If all else fails, the “Americans in Manchester (Yankunians)” Facebook page is full of advice about scoring towering burgers and how to negotiate a Wetherspoons.
Manchester is changing, fast. Ask any Liverpudlian and they’ll point out – enviously – that the skyscrapers of “Manchattan” reflect a booming local economy. In October 2023, Manchester’s flagship performing and visual arts space Factory International opened – the UK’s largest investment in a national cultural project since Tate Modern. The international food scene is thriving. New hotels are opening all the time. Hollywood films love the city as a location (Captain America was shot on Dale Street). New music, wine and LGBTQ trails have been mapped across the city. A visitor pass has just been launched.
Nick Brooks-Sykes, the director of tourism at Manchester Marketing, says: “It’s a really good time to visit Manchester, with plenty of new things to do and discover, but as always we would suggest any international visitor to use Manchester as a gateway to the north of England; to explore the city and maybe some of the emerging boroughs and neighbourhood in and around Greater Manchester, then see some of the other fantastic destinations on our doorstep across the North.”
With direct flights from New York’s JFK, Atlanta and Las Vegas, Americans can bypass London and spend more time in places like RHS Bridgewater, Jodrell Bank, Salford and Macclesfield.
As for new music, any American visiting Manchester this year will find gigs every night of the week in pubs, small venues and medium-sized concert halls like Band on the Wall and New Century – both of which reopened in 2022.

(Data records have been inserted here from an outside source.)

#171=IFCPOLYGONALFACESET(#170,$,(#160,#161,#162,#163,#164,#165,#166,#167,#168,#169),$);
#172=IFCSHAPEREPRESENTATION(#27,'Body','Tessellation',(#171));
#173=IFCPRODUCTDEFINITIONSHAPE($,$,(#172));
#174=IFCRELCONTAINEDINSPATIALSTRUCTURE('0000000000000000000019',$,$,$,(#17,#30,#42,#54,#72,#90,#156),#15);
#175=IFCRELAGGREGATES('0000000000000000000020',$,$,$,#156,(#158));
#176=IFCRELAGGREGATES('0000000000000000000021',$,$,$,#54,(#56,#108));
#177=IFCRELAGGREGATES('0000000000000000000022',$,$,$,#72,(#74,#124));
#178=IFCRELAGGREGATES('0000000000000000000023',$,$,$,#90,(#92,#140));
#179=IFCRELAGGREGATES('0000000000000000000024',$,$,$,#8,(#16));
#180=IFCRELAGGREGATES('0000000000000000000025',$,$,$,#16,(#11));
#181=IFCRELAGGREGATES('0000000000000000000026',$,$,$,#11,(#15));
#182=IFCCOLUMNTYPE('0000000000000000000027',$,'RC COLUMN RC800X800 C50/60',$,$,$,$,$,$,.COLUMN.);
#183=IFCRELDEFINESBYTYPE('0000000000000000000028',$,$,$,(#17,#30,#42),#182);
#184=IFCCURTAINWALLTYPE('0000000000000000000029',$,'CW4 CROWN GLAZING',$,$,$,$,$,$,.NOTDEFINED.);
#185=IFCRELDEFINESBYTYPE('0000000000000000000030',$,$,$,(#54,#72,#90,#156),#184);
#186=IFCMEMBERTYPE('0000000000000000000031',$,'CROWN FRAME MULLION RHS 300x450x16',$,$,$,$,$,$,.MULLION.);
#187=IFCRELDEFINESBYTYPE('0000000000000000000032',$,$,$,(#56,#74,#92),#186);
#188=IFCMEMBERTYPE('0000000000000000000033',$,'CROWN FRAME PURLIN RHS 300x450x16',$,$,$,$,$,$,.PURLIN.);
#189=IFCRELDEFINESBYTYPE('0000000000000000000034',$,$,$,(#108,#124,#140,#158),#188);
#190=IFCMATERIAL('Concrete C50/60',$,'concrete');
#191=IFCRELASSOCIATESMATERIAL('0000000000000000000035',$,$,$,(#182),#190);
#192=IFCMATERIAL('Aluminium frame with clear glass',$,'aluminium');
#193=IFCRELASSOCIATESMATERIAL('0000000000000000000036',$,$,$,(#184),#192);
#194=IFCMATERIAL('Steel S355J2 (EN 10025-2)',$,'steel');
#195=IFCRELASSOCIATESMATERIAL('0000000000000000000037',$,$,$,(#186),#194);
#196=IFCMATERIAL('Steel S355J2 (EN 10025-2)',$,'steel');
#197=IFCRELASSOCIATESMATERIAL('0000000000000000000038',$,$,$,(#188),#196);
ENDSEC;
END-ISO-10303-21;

In The New York Times entry championing Manchester songsmiths, Walsh segues “from Joy Division and the Stone Roses to Oasis and, now, Harry Styles”. It’s easy to be sniffy – but she’s probably on the right track. Joy Division ended with Ian Curtis’s suicide in 1980. “Madchester” was pretty much over by 1990. Harry Styles, raised in leafy Holmes Chapel and nurtured not at Factory Records but on X-Factor, is more representative of modern Manchester than any of the legendary miserabilists. He’s also massive in America.